В торговом зале царили паника и суета. Купечество паковало пожитки. Москвичи, коренные ли, пристяжные, так и не привыкли к террористическим актам, хотя они давно уже стали частью нашего жизненного уклада. Особенно в предвыборный год. «Террористические акты в моей жизни, — заметила не столь давно мертвецу Угарову знакомая приемщица из прачечной, — случаются теперь даже чаще, чем половые».
Кто-то медленно спустился на три яруса и смешался с толпой перепуганных взрывами посетителей рынка. Кого-то она вынесла наружу и увлекла прочь. Подальше от гиблых мест.
ГЛАВА 22
ДОЛГИЙ СОН В ЗИМНЮЮ НОЧЬ
С годами приходит осознание того, что это не лучшие, как принято считать, умирают первыми, а, наоборот, первые умирают лучшими. Умереть во цвете, слегка лишь тронутым порчей, — вот стезя оставить впечатление. И кто, право, знает, каким бы сделался на старости лет тот или иной, не стань он вовремя боком под меткий «лепаж», не спутайся с дозировкой героина или не выпей совсем уж лишнего. Но мне это, похоже, не грозит. Умру я, похоже, от глупой старости, коли от стыда и обиды не умер. Алкоголь, конечно, сильное народное средство, но и он, знать, не мой счастливый удел. Что и доказали наглядно последние десять дней.
— Угорь! — проник в мое убежище сиплый шепот. — Угорь, очнись! Рассолу хочешь?! А водки?..
Хромой бес толкнул меня в ребро.
— Слышь, Родион! Почитай-ка ему что-нибудь медленное! Угорь чтение любит! Да не листай ты! С любого места!
С чего он взял, что я чтение люблю?
Историк прокашлялся и забубнил:
— «Игра — есть термин, обозначающий широкий круг деятельности животных и человека, противопоставляемой обычно утилитарно-практической деятельности и характеризуемой переживанием удовольствия от самой деятельности. Феномен игры привлекал внимание…»
А забытье что есть? Что есть — забытье? Я что? Забываюсь? Хорошо бы забиться в самый темный угол, где тебя никто не достанет.
— «…И видел в ней характеристику существа человека вообще. Игра для Шиллера — наслаждение, связанное со свободным от внешней потребности проявлением избытка сил…»
Сил совсем не осталось. Какая игра? О чем он бормочет? Башка — кругом. Блевать охота. Может, выпить?
— «…В основе игры, по Бейтендейку, лежат три исходные влечения, которые он заимствовал из теории Фрейда: к освобождению, к слиянию и тенденция к воспроизводству…»
Вот, значит, как. Не в деньгах, значит, радость. Значит, шахматисты мои освободиться желают. И слиться. Ладно. Я их солью. Потому что воспроизводство таких гадов — это падаль в геометрической прогрессии.

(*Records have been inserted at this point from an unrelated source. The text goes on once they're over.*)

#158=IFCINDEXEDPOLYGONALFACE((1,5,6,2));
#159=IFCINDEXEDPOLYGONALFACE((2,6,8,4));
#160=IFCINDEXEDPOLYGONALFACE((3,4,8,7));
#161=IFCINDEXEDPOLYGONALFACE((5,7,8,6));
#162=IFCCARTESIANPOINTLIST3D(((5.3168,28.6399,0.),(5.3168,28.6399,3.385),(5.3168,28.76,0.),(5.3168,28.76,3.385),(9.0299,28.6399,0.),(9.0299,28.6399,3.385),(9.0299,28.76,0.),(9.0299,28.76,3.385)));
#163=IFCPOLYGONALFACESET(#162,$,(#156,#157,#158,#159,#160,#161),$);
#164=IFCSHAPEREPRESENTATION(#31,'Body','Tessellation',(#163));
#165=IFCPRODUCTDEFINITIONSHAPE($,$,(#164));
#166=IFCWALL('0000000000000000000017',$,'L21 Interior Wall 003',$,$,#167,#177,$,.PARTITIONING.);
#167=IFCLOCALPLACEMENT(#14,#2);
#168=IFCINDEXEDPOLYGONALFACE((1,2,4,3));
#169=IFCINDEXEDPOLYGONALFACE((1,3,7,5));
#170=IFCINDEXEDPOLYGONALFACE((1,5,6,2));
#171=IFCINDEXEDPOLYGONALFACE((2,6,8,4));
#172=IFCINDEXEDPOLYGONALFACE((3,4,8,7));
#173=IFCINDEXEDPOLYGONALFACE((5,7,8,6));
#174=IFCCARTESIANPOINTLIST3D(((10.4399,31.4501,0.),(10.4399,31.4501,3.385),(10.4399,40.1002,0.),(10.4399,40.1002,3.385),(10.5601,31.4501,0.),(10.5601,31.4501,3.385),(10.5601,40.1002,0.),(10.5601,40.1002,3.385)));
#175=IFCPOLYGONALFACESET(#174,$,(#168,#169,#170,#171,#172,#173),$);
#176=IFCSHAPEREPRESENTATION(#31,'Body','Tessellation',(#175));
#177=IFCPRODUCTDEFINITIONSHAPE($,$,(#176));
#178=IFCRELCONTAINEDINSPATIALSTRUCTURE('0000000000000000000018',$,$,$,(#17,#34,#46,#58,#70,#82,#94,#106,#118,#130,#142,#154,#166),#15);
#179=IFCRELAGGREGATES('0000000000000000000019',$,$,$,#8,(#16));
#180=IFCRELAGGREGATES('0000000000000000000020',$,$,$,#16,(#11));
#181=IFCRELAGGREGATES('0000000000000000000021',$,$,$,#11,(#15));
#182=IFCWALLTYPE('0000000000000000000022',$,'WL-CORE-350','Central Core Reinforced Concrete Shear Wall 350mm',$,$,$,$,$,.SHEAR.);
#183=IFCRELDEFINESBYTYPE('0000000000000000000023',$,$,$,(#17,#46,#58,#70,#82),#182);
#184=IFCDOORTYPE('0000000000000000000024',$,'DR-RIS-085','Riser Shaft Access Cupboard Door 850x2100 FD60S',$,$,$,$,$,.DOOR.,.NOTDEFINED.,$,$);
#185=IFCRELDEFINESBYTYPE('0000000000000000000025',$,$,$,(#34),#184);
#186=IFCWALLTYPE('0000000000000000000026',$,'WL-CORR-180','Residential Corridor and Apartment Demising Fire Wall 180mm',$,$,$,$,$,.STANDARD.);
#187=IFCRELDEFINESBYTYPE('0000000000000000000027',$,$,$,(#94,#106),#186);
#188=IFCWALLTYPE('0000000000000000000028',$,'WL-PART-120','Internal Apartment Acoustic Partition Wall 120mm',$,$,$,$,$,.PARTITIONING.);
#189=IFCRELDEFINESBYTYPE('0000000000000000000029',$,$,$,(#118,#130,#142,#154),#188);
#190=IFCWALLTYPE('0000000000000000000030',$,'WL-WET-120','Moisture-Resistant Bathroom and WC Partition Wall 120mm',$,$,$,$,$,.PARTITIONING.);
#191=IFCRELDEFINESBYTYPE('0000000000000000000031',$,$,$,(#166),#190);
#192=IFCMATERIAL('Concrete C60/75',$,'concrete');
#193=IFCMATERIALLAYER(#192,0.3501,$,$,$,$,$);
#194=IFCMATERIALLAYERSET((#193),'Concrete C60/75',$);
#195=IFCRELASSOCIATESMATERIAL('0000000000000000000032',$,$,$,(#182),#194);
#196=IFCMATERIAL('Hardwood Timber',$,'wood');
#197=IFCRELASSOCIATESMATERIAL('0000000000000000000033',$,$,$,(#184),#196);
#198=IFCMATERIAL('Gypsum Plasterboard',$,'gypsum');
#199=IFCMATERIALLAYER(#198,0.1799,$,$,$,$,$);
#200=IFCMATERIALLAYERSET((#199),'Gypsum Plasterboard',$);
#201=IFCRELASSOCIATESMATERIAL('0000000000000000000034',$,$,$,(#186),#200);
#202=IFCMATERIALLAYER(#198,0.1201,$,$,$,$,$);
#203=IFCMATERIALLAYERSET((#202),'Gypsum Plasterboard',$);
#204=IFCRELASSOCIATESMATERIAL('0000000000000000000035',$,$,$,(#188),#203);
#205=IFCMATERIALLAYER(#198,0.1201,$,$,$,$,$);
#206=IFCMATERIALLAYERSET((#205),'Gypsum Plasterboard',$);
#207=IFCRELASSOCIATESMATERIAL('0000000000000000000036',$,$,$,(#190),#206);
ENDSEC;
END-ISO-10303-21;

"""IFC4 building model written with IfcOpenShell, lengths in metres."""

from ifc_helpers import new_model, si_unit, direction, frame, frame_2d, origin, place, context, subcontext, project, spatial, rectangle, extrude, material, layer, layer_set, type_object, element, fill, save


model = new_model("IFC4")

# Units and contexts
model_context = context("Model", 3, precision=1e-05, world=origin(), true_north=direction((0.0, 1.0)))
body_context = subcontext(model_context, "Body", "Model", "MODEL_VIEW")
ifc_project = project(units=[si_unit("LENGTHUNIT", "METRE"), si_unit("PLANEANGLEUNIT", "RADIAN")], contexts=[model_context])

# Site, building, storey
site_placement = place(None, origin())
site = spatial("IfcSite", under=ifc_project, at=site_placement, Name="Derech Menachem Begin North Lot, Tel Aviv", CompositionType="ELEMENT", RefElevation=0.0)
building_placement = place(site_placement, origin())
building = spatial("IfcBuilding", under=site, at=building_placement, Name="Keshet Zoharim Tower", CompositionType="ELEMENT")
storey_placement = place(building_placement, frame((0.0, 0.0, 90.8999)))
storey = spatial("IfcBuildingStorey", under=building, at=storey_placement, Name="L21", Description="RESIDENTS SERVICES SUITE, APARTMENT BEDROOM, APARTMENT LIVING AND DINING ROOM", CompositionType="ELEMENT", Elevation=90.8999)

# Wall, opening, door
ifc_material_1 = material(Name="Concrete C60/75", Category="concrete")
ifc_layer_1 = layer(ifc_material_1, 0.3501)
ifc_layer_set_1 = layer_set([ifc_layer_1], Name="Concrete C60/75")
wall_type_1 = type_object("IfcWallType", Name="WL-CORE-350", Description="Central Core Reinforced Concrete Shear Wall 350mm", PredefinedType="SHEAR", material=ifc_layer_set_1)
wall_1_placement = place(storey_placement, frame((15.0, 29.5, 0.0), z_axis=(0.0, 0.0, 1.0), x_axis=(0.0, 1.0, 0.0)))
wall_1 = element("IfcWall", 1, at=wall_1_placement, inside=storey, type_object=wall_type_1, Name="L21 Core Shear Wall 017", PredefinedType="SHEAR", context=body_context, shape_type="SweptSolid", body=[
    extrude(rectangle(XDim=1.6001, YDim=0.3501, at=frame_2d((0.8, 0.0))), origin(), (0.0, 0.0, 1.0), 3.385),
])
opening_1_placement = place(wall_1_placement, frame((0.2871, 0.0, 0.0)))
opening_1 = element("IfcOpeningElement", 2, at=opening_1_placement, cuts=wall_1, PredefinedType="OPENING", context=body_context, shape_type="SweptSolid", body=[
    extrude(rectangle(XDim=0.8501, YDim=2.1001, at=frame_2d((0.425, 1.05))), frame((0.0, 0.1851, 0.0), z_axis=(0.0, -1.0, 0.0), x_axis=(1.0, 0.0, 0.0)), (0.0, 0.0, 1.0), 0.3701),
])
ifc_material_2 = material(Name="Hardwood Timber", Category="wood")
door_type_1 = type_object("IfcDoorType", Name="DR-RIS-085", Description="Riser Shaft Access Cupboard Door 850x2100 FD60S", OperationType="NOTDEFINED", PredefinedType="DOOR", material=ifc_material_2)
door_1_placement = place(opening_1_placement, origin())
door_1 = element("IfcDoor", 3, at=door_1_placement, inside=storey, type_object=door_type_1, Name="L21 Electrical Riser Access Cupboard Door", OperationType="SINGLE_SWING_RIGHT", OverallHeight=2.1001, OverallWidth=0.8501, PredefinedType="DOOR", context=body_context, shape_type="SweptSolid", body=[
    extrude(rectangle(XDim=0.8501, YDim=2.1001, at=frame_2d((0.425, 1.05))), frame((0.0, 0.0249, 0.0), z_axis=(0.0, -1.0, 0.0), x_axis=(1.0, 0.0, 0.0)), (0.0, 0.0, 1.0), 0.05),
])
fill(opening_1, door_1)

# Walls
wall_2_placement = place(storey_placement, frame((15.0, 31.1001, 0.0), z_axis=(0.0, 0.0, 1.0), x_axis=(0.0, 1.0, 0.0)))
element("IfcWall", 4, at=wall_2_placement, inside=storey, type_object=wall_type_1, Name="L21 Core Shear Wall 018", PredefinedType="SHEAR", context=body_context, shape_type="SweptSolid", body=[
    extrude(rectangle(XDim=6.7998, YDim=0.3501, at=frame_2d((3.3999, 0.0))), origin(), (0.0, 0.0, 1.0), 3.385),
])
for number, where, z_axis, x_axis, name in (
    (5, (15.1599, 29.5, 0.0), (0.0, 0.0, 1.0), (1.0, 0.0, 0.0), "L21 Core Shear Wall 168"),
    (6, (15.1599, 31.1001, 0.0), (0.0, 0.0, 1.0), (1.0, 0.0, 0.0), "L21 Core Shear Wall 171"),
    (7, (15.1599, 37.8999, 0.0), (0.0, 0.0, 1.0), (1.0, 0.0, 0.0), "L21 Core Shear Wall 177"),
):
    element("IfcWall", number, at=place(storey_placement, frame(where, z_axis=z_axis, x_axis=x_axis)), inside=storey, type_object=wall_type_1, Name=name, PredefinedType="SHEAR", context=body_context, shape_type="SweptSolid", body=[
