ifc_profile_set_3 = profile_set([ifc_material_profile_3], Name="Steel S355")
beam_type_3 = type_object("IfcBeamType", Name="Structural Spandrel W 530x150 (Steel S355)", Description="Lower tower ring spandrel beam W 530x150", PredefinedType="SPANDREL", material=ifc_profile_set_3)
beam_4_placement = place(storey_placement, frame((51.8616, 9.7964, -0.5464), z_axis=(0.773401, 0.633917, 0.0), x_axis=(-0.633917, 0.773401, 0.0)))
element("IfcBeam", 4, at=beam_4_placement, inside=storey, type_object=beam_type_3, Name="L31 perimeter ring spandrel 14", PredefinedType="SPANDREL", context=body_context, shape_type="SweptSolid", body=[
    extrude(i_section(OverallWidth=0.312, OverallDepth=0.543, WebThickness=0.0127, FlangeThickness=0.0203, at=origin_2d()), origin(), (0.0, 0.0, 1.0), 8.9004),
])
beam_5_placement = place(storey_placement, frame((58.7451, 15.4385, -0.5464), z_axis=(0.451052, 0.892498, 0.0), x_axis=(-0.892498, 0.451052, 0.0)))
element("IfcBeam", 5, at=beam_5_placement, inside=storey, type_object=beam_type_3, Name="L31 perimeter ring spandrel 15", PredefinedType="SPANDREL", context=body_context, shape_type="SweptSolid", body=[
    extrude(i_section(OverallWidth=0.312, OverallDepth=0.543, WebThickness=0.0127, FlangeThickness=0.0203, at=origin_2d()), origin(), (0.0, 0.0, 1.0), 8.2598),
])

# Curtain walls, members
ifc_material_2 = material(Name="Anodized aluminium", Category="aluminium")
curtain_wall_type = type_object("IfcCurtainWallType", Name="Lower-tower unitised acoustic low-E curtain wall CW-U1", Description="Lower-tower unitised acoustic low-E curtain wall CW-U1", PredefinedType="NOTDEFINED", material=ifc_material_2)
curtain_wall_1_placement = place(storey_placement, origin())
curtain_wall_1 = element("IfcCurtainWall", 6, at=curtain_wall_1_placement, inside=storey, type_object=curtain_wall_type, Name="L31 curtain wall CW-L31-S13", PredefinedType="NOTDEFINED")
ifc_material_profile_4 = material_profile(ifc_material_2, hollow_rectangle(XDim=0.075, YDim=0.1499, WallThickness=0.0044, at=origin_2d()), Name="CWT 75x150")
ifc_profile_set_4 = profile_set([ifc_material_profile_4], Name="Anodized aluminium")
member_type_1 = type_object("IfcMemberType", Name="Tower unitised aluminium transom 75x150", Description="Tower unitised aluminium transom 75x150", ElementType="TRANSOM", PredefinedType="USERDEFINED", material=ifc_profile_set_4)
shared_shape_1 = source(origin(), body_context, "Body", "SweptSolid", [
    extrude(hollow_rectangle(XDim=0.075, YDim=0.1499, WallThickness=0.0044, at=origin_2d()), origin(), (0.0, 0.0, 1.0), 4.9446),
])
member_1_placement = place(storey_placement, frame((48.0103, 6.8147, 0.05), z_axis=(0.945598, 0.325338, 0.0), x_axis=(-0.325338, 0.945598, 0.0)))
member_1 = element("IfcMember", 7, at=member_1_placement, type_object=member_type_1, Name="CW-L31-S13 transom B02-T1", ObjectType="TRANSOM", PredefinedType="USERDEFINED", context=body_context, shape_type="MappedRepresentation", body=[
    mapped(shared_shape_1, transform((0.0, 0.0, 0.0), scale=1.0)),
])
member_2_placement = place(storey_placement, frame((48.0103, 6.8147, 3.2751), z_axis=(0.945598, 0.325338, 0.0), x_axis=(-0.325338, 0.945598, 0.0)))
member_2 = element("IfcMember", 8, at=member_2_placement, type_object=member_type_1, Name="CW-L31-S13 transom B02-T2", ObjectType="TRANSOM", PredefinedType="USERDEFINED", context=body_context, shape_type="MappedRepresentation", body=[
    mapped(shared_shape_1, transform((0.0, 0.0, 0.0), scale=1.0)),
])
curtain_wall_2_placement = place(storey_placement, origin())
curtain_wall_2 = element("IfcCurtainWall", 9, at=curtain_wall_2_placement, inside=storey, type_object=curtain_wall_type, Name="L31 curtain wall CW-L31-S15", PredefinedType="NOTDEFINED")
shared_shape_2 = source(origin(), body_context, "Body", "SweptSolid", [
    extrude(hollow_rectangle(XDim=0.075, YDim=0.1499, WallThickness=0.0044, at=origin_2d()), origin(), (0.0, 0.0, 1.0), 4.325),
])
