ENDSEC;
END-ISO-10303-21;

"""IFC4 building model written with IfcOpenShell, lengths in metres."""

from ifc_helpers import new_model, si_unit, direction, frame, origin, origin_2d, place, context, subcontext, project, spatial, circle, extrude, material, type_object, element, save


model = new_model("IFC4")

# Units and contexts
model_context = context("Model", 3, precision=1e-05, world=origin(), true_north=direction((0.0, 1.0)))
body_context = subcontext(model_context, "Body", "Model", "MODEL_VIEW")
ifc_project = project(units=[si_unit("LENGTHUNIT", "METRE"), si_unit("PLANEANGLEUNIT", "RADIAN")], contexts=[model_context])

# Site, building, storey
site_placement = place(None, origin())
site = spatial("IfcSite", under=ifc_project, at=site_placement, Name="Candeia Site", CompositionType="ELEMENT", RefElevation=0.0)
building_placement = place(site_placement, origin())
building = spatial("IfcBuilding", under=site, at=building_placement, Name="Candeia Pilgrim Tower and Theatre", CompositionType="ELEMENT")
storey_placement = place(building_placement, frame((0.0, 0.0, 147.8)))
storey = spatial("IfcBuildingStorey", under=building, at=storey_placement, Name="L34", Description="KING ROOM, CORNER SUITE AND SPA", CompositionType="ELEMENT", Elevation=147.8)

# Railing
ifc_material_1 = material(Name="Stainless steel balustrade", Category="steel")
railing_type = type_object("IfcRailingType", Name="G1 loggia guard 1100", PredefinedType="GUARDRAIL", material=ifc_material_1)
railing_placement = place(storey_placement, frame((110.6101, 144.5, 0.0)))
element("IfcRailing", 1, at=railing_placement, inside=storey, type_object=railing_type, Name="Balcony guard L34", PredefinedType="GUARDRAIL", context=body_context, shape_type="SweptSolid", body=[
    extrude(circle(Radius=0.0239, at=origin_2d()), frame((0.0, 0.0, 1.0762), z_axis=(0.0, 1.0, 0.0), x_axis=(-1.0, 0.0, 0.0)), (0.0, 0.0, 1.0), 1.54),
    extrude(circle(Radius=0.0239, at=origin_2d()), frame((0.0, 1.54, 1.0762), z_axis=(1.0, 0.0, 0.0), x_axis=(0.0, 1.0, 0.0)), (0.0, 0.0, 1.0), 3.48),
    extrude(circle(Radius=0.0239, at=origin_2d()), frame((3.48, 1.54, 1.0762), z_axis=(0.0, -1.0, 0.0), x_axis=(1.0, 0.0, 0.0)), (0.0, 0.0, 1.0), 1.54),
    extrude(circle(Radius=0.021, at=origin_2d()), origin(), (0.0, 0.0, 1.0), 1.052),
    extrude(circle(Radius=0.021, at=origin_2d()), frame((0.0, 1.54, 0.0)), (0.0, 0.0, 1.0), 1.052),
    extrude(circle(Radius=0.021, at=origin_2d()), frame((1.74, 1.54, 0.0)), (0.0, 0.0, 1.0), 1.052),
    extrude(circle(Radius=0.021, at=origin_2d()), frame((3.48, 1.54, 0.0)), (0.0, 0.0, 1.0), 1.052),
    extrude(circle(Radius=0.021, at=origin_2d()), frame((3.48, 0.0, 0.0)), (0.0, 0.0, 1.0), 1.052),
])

— Ладно, — промычал я, распеленавшись и сбросив шерстяное одеяло.
— Родная речь! — обрадовался Гудвин. — Рука бойца дрожать устала!
Я выпил. И почувствовал себя значительно хуже. А потом — значительно лучше.
В купе скорого поезда «Москва — Симферополь» было тепло и крепко накурено. Погоду в нем делал масляный радиатор, принесенный обходчицей Клавдией.
— Идеал! — прикончив раздел «Игра» и переходя к следующему, торжественно объявил учитель. — «Идеальный образ, определяющий…»
Клавдия, скинув мокрые валенки, сидела на нижней полке и слушала Родиона с затаенным дыханием. Женщина в поисках идеала. Щека ее прижималась к покатому плечу Гудвина. Гудвин, чуждый мирской суеты, нарезал толстыми ломтями копченую колбасу. Кот Мамай, глядя на него как на председателя трибунала, смиренно ожидал своей участи.
— «Проблема идеала была поставлена Кантом прежде всего в связи с проблемой «внутренней цели», — с нажимом вещал Родион.
— Хорош кантовать, — вмешался Гудвин, складывая ножик. — Твое учение, Родя, мертвого поднимет. Вон, Угорек уже порозовел.
— Продолжайте, Родион Викентьевич! Не отвлекайтесь на ихний черный юмор! — проворковала напарница Клавдии пышнотелая Зинаида.
Протискиваясь боком в купе, она уже наполовину была внутри. Кому приходилось проталкивать пальцем рассохшуюся пробку «Монастырского», тот знает, какой это мучительный и долгий процесс. Но все проходит, и Зинаида прошла.